« Opérette Marseillaise » Carte blanche à Benoît Duteurtre dans Marianne n°1289 du 26 novembre au 2 décembre 2021

Carte blanche
PAR BENOÎT DUTEURTRE

OPÉRETTE MARSEILLAISE

Quand son nom revient dans l’actualité, c’est toujours à propos de règlements de comptes, de gestion fumeuse ou de quartiers qui s’effondrent… J’aimerais donc souligner, à l’approche des fêtes de fin d’année, que la bonne ville de Marseille est la seule en France à conserver, contre vents et marées, un théâtre d’opérette. Situé en haut de la Canebière, l’Odéon propose d’applaudir, ces 27 et 28 novembre, le réjouissant Là-Haut, de Maurice Yvain, avant l’Auberge du Cheval-Blanc, Véronique ou la Veuve joyeuse. Alors que Paris néglige ce genre si parisien, la capitale du Sud propose tout au long de l’année de vraies productions avec orchestre, chœur, chanteurs et fantaisistes de talent. Il paraît que Jean-Claude Gaudin, l’ancien maire, était personnellement attaché à ce genre populaire. On ne peut donc que féliciter la nouvelle mairie de jouer la continuité sous la houlette de Maurice Xiberras, directeur de l’Opéra de Marseille. Pour lui, ces spectacles présentés chaque mois à l’Odéon, en alternance avec des comédies de boulevard, sont aussi l’occasion de découvrir et d’encourager de jeunes artistes. Quand, trop souvent, les changements d’équipes municipales se traduisent par la suppression d’activités culturelles dites ringardes, remplacées par des affiches supposément plus branchées, Marseille affiche cette belle singularité qui devrait valoir à l’Odéon le titre de « théâtre national d’opérette ».
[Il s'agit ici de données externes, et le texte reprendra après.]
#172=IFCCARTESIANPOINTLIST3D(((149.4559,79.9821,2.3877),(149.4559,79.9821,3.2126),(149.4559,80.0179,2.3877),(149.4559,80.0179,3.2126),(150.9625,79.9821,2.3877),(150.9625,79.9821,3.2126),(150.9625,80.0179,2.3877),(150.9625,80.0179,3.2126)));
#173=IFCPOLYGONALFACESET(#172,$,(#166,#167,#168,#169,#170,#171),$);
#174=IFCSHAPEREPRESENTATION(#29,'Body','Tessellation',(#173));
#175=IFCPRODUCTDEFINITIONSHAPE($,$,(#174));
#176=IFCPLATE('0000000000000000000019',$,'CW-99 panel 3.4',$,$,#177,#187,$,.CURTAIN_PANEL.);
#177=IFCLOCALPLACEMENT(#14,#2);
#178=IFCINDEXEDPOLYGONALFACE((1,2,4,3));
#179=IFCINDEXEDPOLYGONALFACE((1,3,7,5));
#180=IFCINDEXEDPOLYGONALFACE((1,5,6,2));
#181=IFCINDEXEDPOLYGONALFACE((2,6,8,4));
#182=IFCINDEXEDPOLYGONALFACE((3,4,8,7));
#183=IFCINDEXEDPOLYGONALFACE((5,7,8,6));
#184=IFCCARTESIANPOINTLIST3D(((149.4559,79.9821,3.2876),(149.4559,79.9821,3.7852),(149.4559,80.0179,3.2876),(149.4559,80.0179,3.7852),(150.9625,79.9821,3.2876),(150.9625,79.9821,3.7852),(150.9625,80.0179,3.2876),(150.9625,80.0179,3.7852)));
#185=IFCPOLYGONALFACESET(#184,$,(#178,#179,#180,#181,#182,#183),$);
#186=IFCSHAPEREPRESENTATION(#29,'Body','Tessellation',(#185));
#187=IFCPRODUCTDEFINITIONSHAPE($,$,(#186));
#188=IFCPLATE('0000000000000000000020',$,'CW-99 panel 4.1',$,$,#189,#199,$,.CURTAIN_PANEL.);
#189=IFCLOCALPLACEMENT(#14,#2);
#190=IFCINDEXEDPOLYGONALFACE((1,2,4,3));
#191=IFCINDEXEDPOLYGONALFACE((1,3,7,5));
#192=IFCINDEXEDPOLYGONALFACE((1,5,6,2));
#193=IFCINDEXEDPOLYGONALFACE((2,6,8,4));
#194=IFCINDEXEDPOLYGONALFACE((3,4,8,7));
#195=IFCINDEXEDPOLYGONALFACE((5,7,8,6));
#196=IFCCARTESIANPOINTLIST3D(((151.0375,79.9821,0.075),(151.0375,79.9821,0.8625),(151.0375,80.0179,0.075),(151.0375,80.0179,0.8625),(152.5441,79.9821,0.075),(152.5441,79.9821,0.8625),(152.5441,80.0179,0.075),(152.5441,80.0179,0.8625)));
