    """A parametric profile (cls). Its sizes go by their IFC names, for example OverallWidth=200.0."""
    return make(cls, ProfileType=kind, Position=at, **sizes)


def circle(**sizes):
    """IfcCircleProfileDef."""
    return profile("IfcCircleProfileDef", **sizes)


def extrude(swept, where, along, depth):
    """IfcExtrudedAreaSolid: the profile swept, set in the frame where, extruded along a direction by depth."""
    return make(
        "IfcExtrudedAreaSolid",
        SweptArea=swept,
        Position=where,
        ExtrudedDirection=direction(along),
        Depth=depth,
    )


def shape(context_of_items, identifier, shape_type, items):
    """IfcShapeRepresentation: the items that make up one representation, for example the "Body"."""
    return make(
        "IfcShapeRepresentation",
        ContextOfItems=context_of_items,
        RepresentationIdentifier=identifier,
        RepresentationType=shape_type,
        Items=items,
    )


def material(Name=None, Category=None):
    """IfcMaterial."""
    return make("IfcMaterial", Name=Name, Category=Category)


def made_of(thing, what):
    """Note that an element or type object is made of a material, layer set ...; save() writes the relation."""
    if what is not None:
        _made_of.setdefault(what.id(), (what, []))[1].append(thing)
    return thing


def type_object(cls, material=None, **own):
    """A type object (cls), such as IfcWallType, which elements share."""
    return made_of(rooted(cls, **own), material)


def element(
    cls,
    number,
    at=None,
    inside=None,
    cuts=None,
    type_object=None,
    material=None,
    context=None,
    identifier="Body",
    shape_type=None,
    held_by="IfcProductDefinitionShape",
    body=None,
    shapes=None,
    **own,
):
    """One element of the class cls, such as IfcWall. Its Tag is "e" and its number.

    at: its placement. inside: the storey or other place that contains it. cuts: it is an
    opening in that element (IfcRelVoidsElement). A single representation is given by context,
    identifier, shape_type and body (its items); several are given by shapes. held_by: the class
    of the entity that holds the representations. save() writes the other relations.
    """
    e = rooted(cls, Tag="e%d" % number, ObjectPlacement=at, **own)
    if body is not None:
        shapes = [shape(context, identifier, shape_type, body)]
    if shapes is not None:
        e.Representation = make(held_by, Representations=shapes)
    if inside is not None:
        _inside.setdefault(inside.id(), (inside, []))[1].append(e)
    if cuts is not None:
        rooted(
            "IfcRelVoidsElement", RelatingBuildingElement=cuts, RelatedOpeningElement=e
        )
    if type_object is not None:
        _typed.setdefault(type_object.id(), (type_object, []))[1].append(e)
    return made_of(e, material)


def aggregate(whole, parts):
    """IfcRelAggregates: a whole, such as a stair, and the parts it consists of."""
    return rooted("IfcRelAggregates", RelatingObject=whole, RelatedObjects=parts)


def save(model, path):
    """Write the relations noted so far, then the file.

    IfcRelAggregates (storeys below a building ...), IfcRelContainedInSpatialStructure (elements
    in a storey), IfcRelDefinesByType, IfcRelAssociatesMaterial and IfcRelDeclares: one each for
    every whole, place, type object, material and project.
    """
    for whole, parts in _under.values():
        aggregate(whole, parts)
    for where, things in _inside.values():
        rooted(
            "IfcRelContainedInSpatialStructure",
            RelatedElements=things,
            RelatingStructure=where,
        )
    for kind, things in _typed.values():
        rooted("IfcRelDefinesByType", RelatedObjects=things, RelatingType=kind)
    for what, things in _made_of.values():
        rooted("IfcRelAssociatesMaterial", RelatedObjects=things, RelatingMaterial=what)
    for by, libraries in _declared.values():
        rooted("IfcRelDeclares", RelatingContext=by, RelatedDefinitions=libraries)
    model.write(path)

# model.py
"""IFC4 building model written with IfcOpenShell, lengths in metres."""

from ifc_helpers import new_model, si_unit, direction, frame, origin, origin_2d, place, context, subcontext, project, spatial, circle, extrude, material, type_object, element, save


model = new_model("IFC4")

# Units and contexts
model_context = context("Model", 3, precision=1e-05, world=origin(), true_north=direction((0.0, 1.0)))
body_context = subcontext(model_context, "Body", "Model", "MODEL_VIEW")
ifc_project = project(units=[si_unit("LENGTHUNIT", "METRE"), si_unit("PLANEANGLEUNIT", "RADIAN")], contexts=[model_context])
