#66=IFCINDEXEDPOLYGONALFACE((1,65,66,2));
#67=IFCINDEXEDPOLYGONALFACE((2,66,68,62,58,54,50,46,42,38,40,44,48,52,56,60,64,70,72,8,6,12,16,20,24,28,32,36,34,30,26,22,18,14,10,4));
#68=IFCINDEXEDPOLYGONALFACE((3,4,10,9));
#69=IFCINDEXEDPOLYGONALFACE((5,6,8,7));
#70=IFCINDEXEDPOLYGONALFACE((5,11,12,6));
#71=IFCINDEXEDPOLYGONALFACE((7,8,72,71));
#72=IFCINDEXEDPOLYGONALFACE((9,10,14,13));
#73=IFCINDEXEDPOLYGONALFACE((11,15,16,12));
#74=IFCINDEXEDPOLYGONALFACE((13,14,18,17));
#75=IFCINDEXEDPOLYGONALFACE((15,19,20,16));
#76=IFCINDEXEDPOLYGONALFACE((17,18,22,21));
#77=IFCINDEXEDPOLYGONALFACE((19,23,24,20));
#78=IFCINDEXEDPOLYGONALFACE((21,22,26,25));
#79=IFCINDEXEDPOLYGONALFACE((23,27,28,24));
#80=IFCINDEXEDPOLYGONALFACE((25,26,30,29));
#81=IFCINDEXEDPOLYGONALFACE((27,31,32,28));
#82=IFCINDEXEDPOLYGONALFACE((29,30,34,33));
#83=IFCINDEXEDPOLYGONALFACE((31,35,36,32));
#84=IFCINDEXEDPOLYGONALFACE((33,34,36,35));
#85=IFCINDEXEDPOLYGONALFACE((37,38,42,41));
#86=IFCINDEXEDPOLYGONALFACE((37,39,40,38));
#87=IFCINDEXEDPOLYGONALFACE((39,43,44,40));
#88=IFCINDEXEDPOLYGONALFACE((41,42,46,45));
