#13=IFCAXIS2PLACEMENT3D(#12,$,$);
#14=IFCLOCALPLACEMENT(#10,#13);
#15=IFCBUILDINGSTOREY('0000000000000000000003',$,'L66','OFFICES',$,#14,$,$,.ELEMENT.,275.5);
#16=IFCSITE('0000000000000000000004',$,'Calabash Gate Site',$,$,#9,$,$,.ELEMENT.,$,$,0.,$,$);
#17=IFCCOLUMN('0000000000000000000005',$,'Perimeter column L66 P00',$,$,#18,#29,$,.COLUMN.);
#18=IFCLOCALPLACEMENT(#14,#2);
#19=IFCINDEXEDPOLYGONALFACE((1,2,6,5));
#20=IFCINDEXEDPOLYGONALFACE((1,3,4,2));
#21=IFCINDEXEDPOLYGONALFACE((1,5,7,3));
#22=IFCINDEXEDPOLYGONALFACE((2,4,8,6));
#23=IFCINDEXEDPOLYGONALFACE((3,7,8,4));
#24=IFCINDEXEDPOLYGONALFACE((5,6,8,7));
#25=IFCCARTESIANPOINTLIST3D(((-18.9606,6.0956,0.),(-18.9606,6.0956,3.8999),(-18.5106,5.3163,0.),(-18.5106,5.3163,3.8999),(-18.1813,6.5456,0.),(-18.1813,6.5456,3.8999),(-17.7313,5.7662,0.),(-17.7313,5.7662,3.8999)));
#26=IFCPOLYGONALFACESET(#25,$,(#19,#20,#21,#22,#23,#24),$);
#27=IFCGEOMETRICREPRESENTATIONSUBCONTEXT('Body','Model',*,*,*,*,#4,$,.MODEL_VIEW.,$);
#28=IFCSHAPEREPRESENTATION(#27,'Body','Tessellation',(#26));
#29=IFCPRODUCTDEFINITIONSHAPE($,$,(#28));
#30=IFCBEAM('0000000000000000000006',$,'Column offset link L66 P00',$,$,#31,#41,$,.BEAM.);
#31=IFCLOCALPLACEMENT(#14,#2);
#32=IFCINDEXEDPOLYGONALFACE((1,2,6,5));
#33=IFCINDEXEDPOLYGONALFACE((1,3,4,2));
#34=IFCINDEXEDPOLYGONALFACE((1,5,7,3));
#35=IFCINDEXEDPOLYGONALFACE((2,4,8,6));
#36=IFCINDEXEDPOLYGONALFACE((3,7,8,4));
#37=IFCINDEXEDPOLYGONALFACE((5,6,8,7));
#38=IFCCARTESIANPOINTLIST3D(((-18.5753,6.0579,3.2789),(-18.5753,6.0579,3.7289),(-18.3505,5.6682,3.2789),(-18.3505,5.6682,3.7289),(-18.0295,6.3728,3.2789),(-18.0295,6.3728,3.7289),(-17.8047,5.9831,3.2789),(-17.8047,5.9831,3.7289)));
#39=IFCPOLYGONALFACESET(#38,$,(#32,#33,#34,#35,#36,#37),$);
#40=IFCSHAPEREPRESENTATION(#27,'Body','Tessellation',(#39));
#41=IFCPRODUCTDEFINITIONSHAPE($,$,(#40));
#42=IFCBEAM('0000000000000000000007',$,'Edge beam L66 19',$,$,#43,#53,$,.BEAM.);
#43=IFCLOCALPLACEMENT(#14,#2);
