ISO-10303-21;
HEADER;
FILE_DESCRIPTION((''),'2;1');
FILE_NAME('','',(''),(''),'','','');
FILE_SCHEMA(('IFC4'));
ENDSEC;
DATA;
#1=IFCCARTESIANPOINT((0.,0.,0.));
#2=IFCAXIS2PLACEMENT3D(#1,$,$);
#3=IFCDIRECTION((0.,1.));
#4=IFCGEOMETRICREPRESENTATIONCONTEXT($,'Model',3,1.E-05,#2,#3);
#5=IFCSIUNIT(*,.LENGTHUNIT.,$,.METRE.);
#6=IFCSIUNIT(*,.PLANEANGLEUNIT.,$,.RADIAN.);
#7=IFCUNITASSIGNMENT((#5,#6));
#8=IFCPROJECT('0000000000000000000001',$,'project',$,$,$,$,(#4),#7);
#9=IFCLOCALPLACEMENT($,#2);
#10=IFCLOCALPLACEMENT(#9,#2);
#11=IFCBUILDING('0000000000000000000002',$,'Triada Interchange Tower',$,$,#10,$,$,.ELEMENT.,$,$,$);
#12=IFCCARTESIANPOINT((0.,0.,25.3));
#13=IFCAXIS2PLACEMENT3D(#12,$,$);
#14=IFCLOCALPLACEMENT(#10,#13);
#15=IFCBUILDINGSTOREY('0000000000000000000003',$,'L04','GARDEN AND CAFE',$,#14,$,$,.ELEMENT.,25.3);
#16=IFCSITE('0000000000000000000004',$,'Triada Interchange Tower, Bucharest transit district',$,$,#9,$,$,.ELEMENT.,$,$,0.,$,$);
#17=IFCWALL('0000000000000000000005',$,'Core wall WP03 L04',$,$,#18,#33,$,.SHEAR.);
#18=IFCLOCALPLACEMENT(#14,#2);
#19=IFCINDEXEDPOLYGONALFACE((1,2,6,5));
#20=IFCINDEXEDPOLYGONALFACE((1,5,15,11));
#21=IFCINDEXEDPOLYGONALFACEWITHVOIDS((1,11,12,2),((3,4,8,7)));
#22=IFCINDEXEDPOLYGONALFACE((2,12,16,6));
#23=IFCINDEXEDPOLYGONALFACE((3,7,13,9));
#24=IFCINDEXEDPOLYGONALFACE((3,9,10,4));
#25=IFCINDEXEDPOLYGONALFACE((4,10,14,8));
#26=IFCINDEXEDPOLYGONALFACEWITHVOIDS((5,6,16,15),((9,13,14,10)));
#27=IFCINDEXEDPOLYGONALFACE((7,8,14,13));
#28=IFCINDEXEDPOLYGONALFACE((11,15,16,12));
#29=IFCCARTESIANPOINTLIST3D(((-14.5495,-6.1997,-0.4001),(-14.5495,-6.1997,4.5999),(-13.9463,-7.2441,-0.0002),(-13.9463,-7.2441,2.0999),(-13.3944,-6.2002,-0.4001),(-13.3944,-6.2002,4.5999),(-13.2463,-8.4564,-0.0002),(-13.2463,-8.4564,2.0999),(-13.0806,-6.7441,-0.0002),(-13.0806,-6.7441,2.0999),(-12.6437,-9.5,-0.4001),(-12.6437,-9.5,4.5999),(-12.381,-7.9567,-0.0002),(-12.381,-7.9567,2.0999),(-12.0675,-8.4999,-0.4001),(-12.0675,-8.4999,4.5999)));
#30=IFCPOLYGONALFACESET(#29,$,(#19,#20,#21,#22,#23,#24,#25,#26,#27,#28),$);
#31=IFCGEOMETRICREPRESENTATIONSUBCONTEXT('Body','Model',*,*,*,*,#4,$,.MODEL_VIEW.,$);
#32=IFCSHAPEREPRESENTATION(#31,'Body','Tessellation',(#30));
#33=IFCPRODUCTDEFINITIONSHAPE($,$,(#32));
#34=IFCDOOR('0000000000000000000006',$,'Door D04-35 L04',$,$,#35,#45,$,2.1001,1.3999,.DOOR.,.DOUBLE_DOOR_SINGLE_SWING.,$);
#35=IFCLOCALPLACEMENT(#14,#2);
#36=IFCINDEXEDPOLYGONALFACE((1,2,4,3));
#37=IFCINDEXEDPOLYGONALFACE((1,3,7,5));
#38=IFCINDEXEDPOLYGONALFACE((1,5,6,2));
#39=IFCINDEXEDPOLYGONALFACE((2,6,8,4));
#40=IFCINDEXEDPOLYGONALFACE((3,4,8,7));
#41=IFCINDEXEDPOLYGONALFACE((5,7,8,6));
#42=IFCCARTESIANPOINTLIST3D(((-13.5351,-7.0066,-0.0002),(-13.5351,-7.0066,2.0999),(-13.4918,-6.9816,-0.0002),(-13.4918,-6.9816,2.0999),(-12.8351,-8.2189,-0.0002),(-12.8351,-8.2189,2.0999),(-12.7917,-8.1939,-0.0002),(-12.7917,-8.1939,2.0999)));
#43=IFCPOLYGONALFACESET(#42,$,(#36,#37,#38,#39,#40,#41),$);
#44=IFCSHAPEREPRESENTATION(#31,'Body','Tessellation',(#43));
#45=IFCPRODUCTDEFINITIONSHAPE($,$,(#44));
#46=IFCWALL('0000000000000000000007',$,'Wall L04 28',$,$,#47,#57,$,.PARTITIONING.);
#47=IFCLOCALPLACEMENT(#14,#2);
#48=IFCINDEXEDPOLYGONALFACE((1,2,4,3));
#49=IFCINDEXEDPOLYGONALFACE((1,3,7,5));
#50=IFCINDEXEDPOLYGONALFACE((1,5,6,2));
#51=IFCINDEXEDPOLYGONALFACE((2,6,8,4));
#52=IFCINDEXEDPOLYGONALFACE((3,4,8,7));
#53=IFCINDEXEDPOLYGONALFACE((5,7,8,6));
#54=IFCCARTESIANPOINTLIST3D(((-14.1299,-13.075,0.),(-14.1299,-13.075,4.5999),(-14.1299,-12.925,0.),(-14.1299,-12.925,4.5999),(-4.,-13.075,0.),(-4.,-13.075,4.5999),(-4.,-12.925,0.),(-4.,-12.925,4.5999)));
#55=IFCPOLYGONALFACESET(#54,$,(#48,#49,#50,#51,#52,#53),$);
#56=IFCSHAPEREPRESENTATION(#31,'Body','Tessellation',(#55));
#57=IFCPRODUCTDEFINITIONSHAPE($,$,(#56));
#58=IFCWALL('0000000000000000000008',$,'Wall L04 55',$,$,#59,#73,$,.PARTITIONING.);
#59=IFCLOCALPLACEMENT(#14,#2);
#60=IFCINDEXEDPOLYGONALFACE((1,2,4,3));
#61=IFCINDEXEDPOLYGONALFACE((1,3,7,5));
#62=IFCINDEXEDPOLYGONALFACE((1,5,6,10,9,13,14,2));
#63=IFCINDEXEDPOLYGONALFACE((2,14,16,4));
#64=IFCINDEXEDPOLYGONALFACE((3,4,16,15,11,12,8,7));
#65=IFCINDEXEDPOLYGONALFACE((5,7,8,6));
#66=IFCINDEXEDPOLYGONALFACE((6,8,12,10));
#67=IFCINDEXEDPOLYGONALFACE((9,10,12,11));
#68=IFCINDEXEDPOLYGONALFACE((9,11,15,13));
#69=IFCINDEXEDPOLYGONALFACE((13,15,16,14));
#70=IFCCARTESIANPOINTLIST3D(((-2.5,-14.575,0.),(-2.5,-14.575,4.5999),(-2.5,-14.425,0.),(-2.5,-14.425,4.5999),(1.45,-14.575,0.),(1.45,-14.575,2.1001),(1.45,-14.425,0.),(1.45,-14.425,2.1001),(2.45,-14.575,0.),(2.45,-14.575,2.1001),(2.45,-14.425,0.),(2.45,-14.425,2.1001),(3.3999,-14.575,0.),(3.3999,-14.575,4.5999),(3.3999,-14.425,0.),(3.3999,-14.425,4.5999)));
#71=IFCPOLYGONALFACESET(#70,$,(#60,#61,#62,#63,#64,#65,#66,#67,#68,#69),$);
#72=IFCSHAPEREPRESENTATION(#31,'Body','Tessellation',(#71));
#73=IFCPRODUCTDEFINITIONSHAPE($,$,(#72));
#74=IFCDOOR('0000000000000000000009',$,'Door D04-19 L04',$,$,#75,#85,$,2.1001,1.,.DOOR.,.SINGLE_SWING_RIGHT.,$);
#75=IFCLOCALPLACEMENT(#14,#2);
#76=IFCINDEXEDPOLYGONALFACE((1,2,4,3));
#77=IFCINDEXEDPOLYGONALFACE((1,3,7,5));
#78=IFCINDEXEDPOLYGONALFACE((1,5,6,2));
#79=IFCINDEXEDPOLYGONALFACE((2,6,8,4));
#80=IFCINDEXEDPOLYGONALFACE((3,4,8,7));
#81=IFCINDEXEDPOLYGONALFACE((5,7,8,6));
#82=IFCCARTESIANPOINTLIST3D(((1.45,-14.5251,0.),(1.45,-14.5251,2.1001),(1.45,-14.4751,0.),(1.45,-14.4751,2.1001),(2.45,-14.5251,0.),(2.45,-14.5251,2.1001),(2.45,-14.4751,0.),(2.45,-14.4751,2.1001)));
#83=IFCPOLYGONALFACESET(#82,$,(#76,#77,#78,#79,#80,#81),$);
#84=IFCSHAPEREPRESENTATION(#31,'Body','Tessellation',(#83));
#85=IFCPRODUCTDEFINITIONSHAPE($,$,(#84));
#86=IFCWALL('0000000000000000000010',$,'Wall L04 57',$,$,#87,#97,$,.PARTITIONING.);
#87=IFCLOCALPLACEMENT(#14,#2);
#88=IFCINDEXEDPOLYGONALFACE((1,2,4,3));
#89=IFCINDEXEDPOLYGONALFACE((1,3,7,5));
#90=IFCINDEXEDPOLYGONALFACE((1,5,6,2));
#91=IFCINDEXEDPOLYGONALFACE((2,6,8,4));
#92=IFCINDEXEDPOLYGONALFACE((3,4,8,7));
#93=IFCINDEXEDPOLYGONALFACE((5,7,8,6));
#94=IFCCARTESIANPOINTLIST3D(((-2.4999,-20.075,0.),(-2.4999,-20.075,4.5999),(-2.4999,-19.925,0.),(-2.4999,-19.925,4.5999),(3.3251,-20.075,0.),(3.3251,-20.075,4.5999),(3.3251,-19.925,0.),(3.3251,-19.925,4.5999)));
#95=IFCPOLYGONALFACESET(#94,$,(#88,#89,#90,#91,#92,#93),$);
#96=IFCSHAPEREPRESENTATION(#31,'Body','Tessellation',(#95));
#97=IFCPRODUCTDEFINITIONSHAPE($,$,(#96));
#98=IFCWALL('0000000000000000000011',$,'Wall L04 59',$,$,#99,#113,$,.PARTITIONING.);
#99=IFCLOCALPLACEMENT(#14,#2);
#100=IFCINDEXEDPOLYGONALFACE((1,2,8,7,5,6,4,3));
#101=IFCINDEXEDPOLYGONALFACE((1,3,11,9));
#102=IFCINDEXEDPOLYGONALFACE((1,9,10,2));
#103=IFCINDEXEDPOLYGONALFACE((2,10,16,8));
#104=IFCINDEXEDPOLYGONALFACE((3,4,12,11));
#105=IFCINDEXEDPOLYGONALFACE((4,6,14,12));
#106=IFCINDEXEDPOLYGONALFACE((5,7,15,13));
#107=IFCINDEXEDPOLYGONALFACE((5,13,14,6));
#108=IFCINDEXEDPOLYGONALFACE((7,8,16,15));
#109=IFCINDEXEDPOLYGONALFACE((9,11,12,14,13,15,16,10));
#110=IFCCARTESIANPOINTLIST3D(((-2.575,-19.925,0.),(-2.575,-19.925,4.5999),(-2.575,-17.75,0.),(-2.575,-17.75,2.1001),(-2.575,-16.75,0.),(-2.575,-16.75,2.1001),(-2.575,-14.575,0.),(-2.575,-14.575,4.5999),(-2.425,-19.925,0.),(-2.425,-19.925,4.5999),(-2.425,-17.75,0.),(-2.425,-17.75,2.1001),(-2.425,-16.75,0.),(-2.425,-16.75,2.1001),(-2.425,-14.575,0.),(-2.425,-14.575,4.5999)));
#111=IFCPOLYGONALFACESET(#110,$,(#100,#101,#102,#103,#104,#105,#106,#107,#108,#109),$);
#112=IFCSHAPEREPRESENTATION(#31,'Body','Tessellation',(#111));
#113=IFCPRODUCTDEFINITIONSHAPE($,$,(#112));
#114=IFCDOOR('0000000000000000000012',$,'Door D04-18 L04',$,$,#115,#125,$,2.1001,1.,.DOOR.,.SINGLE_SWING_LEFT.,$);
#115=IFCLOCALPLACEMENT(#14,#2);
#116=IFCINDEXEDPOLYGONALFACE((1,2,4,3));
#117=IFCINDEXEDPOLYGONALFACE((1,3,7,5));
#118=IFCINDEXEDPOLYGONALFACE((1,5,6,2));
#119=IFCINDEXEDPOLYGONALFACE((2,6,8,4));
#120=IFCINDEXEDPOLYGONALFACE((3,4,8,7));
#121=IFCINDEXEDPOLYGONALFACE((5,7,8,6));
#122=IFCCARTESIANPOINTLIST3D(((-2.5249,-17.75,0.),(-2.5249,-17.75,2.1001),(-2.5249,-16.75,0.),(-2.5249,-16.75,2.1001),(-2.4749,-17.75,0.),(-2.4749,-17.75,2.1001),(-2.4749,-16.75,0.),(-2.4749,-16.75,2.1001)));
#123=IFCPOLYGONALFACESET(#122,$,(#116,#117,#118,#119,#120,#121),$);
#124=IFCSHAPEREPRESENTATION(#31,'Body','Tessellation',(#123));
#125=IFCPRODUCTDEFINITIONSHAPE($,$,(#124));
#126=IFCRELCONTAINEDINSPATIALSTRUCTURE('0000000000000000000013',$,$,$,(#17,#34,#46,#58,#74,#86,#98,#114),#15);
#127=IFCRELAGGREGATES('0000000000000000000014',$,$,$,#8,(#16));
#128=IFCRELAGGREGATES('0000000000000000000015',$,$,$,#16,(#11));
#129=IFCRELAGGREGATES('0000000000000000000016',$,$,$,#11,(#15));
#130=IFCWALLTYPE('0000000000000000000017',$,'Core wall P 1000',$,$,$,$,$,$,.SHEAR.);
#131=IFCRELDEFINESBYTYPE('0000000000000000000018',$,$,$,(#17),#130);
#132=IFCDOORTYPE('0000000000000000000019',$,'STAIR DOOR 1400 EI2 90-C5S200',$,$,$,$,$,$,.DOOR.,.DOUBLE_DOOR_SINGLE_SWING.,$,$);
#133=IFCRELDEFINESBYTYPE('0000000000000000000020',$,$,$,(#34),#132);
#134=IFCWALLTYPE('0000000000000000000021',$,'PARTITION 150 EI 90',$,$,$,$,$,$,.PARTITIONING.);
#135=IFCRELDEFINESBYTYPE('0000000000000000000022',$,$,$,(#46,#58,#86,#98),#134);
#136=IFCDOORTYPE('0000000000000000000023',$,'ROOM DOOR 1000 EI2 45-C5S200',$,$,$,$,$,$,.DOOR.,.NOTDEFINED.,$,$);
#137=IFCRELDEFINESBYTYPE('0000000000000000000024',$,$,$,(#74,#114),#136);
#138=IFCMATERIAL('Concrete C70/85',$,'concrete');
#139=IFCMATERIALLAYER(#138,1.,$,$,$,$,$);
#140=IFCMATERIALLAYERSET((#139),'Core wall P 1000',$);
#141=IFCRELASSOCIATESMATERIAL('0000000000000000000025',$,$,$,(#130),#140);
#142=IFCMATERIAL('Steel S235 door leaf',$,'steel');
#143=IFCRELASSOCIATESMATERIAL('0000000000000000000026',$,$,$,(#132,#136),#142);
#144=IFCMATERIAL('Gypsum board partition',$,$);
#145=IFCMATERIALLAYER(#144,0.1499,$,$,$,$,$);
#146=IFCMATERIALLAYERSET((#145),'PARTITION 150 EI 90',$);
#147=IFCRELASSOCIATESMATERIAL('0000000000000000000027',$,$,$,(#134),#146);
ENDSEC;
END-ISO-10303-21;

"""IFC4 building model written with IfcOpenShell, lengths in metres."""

from ifc_helpers import new_model, si_unit, direction, frame, frame_2d, origin, place, context, subcontext, project, spatial, polyline, rectangle, outline, extrude, material, layer, layer_set, type_object, element, fill, save


model = new_model("IFC4")

# Units and contexts
model_context = context("Model", 3, precision=1e-05, world=origin(), true_north=direction((0.0, 1.0)))
body_context = subcontext(model_context, "Body", "Model", "MODEL_VIEW")
ifc_project = project(units=[si_unit("LENGTHUNIT", "METRE"), si_unit("PLANEANGLEUNIT", "RADIAN")], contexts=[model_context])

# Site, building, storey
site_placement = place(None, origin())
site = spatial("IfcSite", under=ifc_project, at=site_placement, Name="Triada Interchange Tower, Bucharest transit district", CompositionType="ELEMENT", RefElevation=0.0)
building_placement = place(site_placement, origin())
building = spatial("IfcBuilding", under=site, at=building_placement, Name="Triada Interchange Tower", CompositionType="ELEMENT")
storey_placement = place(building_placement, frame((0.0, 0.0, 25.3)))
storey = spatial("IfcBuildingStorey", under=building, at=storey_placement, Name="L04", Description="GARDEN AND CAFE", CompositionType="ELEMENT", Elevation=25.3)

# Shared definitions
ifc_material_1 = material(Name="Concrete C70/85", Category="concrete")

# Shared definitions
ifc_material_2 = material(Name="Steel S235 door leaf", Category="steel")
Il est vrai que l’opérette et le music-hall ont une longue histoire dans cette ville. On peut voir encore, près du Vieux-Port, l’ancienne porte monumentale de l’Alcazar, où débutèrent Tino Rossi et Yves Montand. Ce portail est désormais l’entrée d’une bibliothèque, mais Marseille reste, de loin, la ville française la plus chantée après Paris. Aucune n’a inspiré d’aussi nombreux refrains ni vu grandir autant d’artistes montés à la capitale avec leur accent, à l’instar de Raimu et de Fernandel. Plus encore après les triomphes de Pagnol, la mode marseillaise allait s’imposer partout en France, comme en témoignent les « opérettes marseillaises » créées dans les années 1930… pour la plupart à Lyon et Paris ! Les refrains de Vincent Scotto sont restés dans les mémoires, à l’exemple du Plus Beau Tango du monde ou du Petit Cabanon, enregistré par Alibert en duo avec la charmante Gaby Sims et leur inénarrable « jazz marseillais » (en réalité un orchestre de music-hall). Il paraît donc naturel que cette veine ait trouvé refuge dans la cité phocéenne, au théâtre de l’Odéon, qui en programme régulièrement, mais aussi à l’Opéra voisin de Toulon, qui s’évertue à donner une place au genre léger – sans oublier les groupes qui revisitent la tradition marseillaise tels Quartiers Nord ou Massilia Sound System.

Si Marseille nous inspire depuis plusieurs années, c’est également par la remarquable programmation de son opéra, ce monument Art déco récemment rénové qui est devenu le sanctuaire du répertoire français. Déjà, dans les années 2000, sa directrice, Renée Auphan, avait remis à l’honneur quantité de trésors oubliés, comme l’Aiglon, d’Ibert et Honegger, les opéras d’Henri Tomasi ou ceux de Jean-Michel Damase. De même, son successeur, Maurice Xiberras, fait la part belle à ce répertoire avec des raretés, comme le Salammbó, de Reyer (illustre compositeur marseillais de la fin du XIXe siècle) ou le Cid, de Massenet, en attendant, en cette fin d’année, une grande production du Voyage dans la lune, d’Offenbach (l’Odéon propose également une intégrale des opérettes en un acte d’Offenbach, présentées par Jean-Christophe Keck). Il n’y a guère à Paris que l’Opéra-Comique pour faire aussi bien, mais c’est sa mission de théâtre national. La municipalité parisienne, en revanche, a préféré nommer au Châtelet, en 2017, une Britannique superbranchée… finalement limogée vu le désastre de sa programmation, politique et dégenrée à souhait. L’actuelle direction du grand théâtre parisien semble heureusement vouloir remettre à l’honneur quelques divertissements, comme un alléchant Cole Porter in Paris, à partir du 11 décembre. Une première étape, on l’espère, en attendant que les édiles culturels de la capitale finissent par redécouvrir leur belle histoire et la remettent à l’honneur en s’inspirant de l’exemple… marseillais.